The nature of Roman myth
Because ritual played the central role in Roman religion that myth did for the Greeks, it is sometimes doubted that the Romans had much of a native mythology. This perception is a product of Romanticism and the classical scholarship of the 19th century, which valued Greek civilization as more "authentically creative." From the Renaissance to the 18th century, however, Roman myths were an inspiration particularly for European painting. The Roman tradition is rich in historical myths, or legends, concerning the foundation and rise of the city. These narratives focus on human actors, with only occasional intervention from deities but a pervasive sense of divinely ordered destiny. In Rome's earliest period, history and myth have a mutual and complementary relationship. As T. P. Wiseman notes:
The Roman stories still matter, as they mattered to Dante in 1300 and Shakespeare in 1600 and the founding fathers of the United States in 1776. What does it take to be a free citizen? Can a superpower still be a republic? How does well-meaning authority turn into murderous tyranny?
Major sources for Roman myth include the Aeneid of Vergil and the first few books of Livy's history as well as Dionysius' s Roman Antiquities. Other important sources are the Fasti of Ovid, a six-book poem structured by the Roman religious calendar, and the fourth book of elegies by Propertius. Scenes from Roman myth also appear in Roman wall painting, coins, and sculpture, particularly reliefs.
The Aeneid and Livy's early history are the best extant sources for Rome's founding myths. Material from Greek heroic legend was grafted onto this native stock at an early date. The Trojan prince Aeneas was cast as husband of Lavinia, daughter of King Latinus, patronymical ancestor of the Latini, and therefore through a convoluted revisionist genealogy as forebear of Romulus and Remus. By extension, the Trojans were adopted as the mythical ancestors of the Roman people.
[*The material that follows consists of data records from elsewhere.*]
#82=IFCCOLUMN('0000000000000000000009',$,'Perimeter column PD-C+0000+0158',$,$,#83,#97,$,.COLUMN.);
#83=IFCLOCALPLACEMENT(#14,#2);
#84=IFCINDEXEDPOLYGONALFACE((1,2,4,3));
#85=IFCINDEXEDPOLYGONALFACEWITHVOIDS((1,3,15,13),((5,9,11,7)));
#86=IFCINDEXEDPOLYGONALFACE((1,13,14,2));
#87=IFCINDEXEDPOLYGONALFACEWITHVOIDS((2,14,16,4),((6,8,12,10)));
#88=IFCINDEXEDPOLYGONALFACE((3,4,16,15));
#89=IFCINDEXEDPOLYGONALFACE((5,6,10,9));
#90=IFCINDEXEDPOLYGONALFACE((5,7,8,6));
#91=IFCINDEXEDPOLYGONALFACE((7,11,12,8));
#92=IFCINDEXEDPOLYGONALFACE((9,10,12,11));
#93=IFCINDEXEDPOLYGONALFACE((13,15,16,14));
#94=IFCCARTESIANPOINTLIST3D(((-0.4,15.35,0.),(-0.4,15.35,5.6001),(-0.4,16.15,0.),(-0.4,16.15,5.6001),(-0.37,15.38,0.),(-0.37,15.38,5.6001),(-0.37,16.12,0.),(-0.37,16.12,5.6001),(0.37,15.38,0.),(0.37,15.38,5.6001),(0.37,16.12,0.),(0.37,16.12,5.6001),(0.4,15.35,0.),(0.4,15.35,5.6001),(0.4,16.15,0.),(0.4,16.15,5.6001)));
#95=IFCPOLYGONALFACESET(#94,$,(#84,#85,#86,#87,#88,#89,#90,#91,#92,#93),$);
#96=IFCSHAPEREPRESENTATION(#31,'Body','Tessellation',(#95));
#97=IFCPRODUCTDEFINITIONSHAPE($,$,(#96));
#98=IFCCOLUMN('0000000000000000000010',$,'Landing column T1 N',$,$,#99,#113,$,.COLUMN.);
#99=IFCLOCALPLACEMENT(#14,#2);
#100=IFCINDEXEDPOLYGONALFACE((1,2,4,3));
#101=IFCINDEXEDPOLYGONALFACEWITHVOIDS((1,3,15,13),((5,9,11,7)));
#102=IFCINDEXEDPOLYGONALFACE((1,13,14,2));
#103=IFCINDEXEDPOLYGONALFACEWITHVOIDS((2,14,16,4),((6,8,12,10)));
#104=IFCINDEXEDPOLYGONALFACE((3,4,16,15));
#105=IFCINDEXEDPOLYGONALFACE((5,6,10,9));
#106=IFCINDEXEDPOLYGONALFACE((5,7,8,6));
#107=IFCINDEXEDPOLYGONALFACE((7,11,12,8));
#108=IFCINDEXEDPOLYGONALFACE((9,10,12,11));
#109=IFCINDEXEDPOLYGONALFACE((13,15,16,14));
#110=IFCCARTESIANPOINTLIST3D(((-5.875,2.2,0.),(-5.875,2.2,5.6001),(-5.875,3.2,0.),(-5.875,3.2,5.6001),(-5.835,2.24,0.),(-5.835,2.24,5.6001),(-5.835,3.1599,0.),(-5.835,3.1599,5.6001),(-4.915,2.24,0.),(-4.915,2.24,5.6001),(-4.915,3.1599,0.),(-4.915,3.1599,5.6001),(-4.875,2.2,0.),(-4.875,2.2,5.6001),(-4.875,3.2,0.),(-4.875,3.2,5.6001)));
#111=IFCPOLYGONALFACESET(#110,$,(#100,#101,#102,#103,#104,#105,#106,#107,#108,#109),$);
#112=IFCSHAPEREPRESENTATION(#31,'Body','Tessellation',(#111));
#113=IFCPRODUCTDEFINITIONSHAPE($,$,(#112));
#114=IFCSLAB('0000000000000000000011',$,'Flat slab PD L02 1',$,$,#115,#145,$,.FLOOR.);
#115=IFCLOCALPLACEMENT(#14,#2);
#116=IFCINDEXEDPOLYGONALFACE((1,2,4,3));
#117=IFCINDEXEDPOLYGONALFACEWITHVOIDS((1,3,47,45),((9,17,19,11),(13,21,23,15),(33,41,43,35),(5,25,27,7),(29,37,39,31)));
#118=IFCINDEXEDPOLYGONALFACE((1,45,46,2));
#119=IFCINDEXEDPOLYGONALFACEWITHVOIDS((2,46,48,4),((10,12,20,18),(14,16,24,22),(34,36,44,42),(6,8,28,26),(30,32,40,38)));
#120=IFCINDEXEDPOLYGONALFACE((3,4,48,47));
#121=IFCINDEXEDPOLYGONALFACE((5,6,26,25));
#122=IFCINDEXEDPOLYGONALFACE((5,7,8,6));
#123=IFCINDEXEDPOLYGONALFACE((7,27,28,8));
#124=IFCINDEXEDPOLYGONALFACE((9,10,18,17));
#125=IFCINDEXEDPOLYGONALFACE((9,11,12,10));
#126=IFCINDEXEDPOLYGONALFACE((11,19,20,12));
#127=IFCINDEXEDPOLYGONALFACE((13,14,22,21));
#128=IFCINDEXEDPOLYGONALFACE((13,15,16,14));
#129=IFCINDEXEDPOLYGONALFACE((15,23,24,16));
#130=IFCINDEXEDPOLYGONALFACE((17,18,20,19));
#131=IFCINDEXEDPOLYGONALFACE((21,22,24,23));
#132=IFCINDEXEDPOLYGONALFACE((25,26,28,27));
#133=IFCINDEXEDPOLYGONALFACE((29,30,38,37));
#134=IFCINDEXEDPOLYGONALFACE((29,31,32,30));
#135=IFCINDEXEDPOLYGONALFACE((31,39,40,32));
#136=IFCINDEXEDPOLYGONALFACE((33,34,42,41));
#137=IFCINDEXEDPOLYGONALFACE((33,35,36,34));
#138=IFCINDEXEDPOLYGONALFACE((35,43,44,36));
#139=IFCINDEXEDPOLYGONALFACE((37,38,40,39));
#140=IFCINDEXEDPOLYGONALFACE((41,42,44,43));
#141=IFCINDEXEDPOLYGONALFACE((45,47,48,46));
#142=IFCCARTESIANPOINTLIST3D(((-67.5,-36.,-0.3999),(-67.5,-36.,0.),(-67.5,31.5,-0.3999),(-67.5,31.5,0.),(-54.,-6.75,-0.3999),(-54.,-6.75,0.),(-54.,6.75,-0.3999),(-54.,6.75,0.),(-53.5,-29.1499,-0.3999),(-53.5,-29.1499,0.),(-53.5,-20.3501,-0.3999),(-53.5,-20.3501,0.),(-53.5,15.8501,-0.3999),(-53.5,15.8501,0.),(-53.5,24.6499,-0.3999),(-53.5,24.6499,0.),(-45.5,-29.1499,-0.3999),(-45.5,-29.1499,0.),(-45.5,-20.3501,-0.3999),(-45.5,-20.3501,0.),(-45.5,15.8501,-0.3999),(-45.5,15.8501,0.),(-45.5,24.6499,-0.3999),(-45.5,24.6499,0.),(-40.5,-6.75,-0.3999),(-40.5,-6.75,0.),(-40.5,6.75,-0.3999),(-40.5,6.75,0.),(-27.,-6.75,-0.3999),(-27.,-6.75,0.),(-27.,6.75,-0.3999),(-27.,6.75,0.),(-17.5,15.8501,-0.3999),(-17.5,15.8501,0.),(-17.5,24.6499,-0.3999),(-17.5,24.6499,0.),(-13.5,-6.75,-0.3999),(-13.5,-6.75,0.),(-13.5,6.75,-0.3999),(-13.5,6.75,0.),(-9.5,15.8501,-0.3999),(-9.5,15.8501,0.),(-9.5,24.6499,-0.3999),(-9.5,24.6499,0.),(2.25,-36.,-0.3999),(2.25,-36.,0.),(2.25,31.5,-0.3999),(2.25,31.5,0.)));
Mucius Scaevola in the Presence of Lars Porsenna
(early 1640s) by Matthias Stom
The characteristic myths of Rome are often political or moral, that is, they deal with the development of Roman government in accordance with divine law, as expressed by Roman religion, and with demonstrations of the individual's adherence to moral expectations (mos maiorum) or failures to do so.
- Rape of the Sabine women, explaining the importance of the Sabines in the formation of Roman culture, and the growth of Rome through conflict and alliance.
- Numa Pompilius, the Sabine second king of Rome who consorted with the nymph Egeria and established many of Rome's legal and religious institutions.
- Servius Tullius, the sixth king of Rome, whose mysterious origins were freely mythologized and who was said to have been the lover of the goddess Fortuna.
- The Tarpeian Rock, and why it was used for the execution of traitors.
- Lucretia, whose self-sacrifice prompted the overthrow of the early Roman monarchy and led to the establishment of the Republic.
- Cloelia, A Roman woman taken hostage by Lars Porsena. She escaped the Clusian camp with a group of Roman virgins.
- Horatius at the bridge, on the importance of individual valor.
- Mucius Scaevola, who thrust his right hand into the fire to prove his loyalty to Rome.
- Caeculus and the founding of Praeneste.
- Manlius and the geese, about divine intervention at the Gallic siege of Rome.
- Stories pertaining to the Nonae Caprotinae and Poplifugia festivals.
- Coriolanus, a story of politics and morality.
- The Etruscan city of Corythus as the "cradle" of Trojan and Italian civilization.
- The arrival of the Great Mother (Cybele) in Rome.